Pe. José Lenilson de Morais – Vigário Paroquial de São José de Mipibu
“E Deus viu que era bom… e Deus viu que era muito bom”. Assim, em forma poética, descreveu o Autor Sagrado a criação do mundo nos capítulos I e II do livro do Gênesis. O mal entra como fruto da escolha livre dos anjos e dos homens (Gênesis, cap. III). A partir daí a criação herda uma desordem que chegará a ser motivo para alguns pensadores cristãos desenvolverem um pensamento de dualidade entre o céu (que é sempre bom) e o mundo, que é mal. A consequência verifica-se numa ruptura entre espiritualidade e atividades sociais, e o pior numa separação entre o “sacro” e o “mundano”.
Esta ideia, preponderantemente presente no medievo, continua ainda muito forte quando propomos uma separação radical entre “as coisas de Deus” e “as coisas do mundo”. O desastre é bem visível: de um lado ficam os bons, os fiéis, os farisaicamente corretos e, do outro, os pecadores, infiéis e mundanos. Gera-se assim uma escandalosa divisão e quase oposição entre a espiritualidade e o mundo atual, que depois vai tornando-se nuns e noutros em dicotomia entre fé e vida.
É bem verdade que o homem pós-moderno continua a ter sede de algo que o preencha, que seja mais que o virtual, que dê sentido a sua existência. A busca por este sentido foi uma das causas primeiras para que a questão religiosa estivesse presente em todos os povos da face da terra. Mas, hoje, as possibilidades de respostas são quase infinitas, pois seitas e religiões chuviscam ou borbulham por todo o globo terrestre e compõem igualmente as inúmeras opções deste mundão chamado internet. Diante disto, o cristianismo apresenta-se como a identidade religiosa de muitos povos e mantem sua vocação universal, sendo, contudo, desafiado cada dia a responder as questões de sempre, porém reformuladas a partir das ideias e comportamentos das pessoas deste nosso tempo. Como nós cristãos haveremos de nos ocupar de tamanha responsabilidade? Respostas imediatas são quase sempre falíveis, mas sem dúvida o modelo mais adequado para responder de modo não só convincente, mas também coerente aos coetâneos é aquele inspirado na própria realidade da Encarnação do Filho de Deus.

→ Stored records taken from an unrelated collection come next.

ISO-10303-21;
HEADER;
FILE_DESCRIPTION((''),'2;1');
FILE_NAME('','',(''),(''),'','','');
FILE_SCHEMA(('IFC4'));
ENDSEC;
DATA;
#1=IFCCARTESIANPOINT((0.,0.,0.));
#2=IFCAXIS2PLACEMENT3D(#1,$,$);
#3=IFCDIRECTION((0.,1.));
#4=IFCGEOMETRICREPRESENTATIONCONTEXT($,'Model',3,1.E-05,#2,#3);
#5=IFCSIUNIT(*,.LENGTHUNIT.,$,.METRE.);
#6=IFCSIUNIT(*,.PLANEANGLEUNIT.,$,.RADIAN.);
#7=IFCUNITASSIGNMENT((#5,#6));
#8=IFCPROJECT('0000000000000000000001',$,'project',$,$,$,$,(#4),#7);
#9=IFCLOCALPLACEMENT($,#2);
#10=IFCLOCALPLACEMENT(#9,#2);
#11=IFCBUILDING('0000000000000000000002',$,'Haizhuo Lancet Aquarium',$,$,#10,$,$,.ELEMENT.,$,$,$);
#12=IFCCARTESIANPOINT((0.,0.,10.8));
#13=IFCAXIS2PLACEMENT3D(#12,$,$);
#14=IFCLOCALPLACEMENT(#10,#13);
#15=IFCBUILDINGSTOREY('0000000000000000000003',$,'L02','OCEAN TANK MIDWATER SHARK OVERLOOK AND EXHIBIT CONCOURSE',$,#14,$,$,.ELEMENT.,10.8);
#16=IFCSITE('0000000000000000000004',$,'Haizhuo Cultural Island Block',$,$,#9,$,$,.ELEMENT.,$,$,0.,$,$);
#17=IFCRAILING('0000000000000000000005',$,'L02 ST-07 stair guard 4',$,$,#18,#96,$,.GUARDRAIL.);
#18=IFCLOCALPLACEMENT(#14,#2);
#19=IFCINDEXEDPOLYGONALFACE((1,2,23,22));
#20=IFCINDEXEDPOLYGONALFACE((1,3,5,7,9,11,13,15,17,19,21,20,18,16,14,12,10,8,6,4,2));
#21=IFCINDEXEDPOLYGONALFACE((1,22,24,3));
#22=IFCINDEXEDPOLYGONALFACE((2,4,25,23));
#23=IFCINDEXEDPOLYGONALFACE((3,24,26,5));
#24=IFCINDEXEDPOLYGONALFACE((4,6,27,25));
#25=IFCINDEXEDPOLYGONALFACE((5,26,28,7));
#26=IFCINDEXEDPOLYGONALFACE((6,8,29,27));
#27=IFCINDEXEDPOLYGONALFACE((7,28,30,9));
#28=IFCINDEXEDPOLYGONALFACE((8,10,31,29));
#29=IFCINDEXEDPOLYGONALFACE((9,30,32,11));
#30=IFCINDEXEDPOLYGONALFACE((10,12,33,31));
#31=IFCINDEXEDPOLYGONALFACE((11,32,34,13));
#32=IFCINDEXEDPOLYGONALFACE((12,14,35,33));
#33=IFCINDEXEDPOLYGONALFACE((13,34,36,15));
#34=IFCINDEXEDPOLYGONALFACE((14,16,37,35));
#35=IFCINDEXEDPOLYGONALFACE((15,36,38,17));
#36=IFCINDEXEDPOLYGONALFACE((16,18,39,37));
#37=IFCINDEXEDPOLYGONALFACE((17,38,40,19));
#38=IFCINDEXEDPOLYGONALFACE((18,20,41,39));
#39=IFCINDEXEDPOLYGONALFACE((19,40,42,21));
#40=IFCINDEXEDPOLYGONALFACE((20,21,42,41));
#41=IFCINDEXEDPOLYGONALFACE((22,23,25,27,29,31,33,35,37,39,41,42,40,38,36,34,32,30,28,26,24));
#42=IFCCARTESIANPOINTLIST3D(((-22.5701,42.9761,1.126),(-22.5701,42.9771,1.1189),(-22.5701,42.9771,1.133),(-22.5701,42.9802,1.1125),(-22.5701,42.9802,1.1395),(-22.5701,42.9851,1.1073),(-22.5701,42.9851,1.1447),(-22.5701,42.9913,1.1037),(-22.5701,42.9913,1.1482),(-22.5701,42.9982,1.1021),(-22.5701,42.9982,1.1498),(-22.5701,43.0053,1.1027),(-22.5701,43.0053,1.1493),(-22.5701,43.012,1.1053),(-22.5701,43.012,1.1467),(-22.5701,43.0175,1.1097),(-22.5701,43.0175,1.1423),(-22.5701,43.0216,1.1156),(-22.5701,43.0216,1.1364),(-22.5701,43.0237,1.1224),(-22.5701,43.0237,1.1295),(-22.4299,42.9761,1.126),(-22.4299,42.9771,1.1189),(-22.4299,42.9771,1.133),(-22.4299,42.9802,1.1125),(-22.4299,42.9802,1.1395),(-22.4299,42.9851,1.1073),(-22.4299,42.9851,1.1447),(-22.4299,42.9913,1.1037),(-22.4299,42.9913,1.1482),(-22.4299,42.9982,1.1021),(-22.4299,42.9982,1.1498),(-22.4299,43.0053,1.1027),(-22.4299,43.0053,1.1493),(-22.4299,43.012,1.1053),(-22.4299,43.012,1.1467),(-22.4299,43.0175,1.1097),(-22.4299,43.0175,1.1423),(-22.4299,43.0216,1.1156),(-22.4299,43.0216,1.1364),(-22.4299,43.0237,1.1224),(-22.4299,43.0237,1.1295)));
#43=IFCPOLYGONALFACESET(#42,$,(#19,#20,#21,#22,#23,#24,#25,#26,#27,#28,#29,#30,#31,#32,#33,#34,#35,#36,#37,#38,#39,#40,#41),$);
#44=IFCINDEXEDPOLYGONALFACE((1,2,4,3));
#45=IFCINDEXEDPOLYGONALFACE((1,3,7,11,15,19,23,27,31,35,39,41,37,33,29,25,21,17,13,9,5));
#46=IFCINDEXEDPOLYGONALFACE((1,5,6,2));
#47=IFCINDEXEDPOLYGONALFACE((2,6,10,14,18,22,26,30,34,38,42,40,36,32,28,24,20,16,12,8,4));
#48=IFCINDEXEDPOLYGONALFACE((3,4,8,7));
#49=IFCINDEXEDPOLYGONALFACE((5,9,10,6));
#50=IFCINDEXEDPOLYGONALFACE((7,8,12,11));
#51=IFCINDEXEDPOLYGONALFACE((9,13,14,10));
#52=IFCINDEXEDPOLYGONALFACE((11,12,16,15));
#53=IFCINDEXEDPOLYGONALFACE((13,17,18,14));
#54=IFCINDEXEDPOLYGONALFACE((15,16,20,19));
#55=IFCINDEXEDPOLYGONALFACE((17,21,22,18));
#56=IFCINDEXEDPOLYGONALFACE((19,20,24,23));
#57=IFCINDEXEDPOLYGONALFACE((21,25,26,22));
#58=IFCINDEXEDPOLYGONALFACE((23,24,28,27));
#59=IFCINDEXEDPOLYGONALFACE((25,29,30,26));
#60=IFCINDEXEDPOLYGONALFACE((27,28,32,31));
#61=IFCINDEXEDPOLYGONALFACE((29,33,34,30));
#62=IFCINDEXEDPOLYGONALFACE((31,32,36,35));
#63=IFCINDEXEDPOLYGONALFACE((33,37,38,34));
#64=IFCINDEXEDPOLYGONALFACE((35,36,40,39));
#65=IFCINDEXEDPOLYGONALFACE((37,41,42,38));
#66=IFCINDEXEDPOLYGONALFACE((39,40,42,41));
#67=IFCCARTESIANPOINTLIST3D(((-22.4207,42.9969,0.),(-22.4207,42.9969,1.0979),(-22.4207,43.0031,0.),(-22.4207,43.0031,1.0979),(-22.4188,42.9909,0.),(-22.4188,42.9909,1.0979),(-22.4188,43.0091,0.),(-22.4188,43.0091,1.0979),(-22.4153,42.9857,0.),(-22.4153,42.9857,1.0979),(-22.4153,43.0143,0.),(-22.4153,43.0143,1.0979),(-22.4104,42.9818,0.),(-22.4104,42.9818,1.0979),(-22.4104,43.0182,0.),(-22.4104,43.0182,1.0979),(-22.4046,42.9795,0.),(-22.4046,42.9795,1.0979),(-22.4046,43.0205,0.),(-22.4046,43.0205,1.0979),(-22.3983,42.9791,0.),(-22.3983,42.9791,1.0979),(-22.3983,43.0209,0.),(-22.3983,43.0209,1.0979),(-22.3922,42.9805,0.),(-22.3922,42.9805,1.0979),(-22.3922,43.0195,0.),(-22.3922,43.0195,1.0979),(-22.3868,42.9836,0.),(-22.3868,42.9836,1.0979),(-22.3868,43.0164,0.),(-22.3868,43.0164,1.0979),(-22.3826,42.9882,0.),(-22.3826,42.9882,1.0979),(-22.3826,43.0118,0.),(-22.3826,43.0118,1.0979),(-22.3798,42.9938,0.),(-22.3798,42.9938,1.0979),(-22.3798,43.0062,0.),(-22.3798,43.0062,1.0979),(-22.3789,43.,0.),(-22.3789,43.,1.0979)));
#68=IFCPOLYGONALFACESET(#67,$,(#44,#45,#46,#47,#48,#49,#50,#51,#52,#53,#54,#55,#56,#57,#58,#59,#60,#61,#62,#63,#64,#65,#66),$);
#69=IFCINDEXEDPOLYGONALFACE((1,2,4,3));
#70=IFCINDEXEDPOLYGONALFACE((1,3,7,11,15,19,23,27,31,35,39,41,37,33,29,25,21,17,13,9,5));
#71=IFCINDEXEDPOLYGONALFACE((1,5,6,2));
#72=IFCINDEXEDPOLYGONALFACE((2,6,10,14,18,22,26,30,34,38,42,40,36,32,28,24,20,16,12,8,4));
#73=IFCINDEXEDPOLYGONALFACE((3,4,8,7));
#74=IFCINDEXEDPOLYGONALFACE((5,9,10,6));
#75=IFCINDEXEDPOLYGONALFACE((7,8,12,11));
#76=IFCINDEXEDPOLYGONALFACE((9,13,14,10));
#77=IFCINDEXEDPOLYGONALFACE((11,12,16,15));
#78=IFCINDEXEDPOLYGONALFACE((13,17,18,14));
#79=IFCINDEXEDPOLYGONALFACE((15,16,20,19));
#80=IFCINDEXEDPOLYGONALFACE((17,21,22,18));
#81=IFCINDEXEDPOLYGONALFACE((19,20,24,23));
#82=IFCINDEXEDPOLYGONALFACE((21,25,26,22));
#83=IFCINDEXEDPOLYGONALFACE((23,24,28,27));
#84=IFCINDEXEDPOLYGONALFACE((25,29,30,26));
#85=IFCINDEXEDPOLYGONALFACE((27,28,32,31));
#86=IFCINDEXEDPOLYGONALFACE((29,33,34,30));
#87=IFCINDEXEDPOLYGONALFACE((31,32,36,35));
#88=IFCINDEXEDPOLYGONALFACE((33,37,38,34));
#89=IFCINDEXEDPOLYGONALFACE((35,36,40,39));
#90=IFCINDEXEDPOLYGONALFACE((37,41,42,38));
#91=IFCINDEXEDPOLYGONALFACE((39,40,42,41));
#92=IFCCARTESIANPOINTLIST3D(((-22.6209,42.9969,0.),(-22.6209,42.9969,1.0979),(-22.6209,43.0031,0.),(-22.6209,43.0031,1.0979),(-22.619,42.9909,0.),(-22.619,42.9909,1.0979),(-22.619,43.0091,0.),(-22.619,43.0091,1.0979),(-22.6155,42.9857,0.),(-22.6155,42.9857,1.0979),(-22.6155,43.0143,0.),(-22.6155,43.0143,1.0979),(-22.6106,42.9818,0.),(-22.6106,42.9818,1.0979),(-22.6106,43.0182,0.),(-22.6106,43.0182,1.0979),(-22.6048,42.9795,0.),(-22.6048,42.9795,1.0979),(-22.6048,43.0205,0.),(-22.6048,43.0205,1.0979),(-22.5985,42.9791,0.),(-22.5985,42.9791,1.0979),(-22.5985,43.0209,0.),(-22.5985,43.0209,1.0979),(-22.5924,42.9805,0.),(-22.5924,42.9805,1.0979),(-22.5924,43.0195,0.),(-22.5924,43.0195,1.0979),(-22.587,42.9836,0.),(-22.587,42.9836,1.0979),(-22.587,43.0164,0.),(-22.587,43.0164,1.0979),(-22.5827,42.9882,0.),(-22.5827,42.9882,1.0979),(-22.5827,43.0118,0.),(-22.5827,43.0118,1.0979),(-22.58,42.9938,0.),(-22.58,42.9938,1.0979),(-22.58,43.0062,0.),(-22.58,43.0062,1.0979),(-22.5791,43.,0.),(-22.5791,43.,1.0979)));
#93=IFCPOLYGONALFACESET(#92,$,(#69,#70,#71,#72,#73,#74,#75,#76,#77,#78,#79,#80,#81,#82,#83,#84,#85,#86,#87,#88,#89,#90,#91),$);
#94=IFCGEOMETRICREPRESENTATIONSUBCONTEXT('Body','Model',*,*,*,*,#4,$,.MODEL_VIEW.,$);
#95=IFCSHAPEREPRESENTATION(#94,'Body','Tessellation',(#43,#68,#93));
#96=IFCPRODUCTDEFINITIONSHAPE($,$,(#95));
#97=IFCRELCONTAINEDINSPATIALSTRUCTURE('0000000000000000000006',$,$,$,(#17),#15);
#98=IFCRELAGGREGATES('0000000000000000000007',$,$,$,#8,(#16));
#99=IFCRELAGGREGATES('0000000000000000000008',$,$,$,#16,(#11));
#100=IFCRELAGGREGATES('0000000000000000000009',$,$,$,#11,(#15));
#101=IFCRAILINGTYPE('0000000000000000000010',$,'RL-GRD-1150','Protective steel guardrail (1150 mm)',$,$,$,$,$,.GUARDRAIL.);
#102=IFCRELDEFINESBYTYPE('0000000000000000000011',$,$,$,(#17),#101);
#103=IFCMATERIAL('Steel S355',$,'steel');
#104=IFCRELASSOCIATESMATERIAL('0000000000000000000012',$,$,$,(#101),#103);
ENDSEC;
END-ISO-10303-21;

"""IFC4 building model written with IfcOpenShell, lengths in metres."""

from ifc_helpers import new_model, si_unit, direction, frame, origin, origin_2d, place, context, subcontext, project, spatial, circle, extrude, material, type_object, element, save


model = new_model("IFC4")

# Units and contexts
model_context = context("Model", 3, precision=1e-05, world=origin(), true_north=direction((0.0, 1.0)))
body_context = subcontext(model_context, "Body", "Model", "MODEL_VIEW")
ifc_project = project(units=[si_unit("LENGTHUNIT", "METRE"), si_unit("PLANEANGLEUNIT", "RADIAN")], contexts=[model_context])

# Site, building, storey
site_placement = place(None, origin())
site = spatial("IfcSite", under=ifc_project, at=site_placement, Name="Haizhuo Cultural Island Block", CompositionType="ELEMENT", RefElevation=0.0)
building_placement = place(site_placement, origin())
building = spatial("IfcBuilding", under=site, at=building_placement, Name="Haizhuo Lancet Aquarium", CompositionType="ELEMENT")
storey_placement = place(building_placement, frame((0.0, 0.0, 10.8)))
storey = spatial("IfcBuildingStorey", under=building, at=storey_placement, Name="L02", Description="OCEAN TANK MIDWATER SHARK OVERLOOK AND EXHIBIT CONCOURSE", CompositionType="ELEMENT", Elevation=10.8)

# Shared definitions
ifc_material_1 = material(Name="Steel S355", Category="steel")

# Railing
railing_type_1 = type_object("IfcRailingType", Name="RL-GRD-1150", Description="Protective steel guardrail (1150 mm)", PredefinedType="GUARDRAIL", material=ifc_material_1)
railing_1_placement = place(storey_placement, frame((-22.3999, 43.0, 0.0)))
element("IfcRailing", 1, at=railing_1_placement, inside=storey, type_object=railing_type_1, Name="L02 ST-07 stair guard 4", PredefinedType="GUARDRAIL", context=body_context, shape_type="SweptSolid", body=[
    extrude(circle(Radius=0.0239, at=origin_2d()), frame((-0.03, 0.0, 1.126), z_axis=(-1.0, 0.0, 0.0), x_axis=(0.0, -1.0, 0.0)), (0.0, 0.0, 1.0), 0.1401),
    extrude(circle(Radius=0.021, at=origin_2d()), origin(), (0.0, 0.0, 1.0), 1.0979),
    extrude(circle(Radius=0.021, at=origin_2d()), frame((-0.2002, 0.0, 0.0)), (0.0, 0.0, 1.0), 1.0979),
])

save(model, "model.ifc")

“E a Palavra se fez Homem e abitou entre nós” (Jo 1, 14). Como poderemos falar aos homens se não sendo um com eles e compartilhando de suas angustias e esperanças mais profundas? A resposta da fé torna-se espiritualidade quando é capaz de envolver-se com o mundo para o transformar. É belo encontrar na Oração Eucarística VI D, uma breve síntese do deveria ser a espiritualidade do cristão no mundo atual: “Pai misericordioso e Deus fiel, Vós nos destes vosso Filho Jesus Cristo, nosso Senhor e Redentor. Ele sempre se mostrou cheio de misericórdia pelos pequenos e pobres, pelos doentes e pecadores, colocando-se ao lado dos perseguidos e marginalizados. Com a vida e a palavra anunciou ao mundo que sois Pai e cuidais de todos como filhos e filhas”. É este encontro com o outro, fazendo-se próximo para ouvi-lo e compartilhar de suas dores que abre caminhos para o encontro com Cristo, raiz e plenitude de nossa espiritualidade. Não pensemos que é o aumento de títulos devocionais, de “montes” milagrosos ou de ritualística desencarnada que sustentara a experiência de Deus dos homens e mulheres de nosso mundo. Ligar a televisão hoje é deparar-se com este desencontro (oposto do nome religião) entre sagrado e profano. De um lado, canais que ridicularizam e menosprezam a religião como algo ultrapassado e digno do escárnio; de outro, um frenesim de programas em torno de curas, milagres, promessas de enriquecimento, profecias (sem profetismo). Como ainda estamos distantes do modelo de Jesus. Miserere nobis!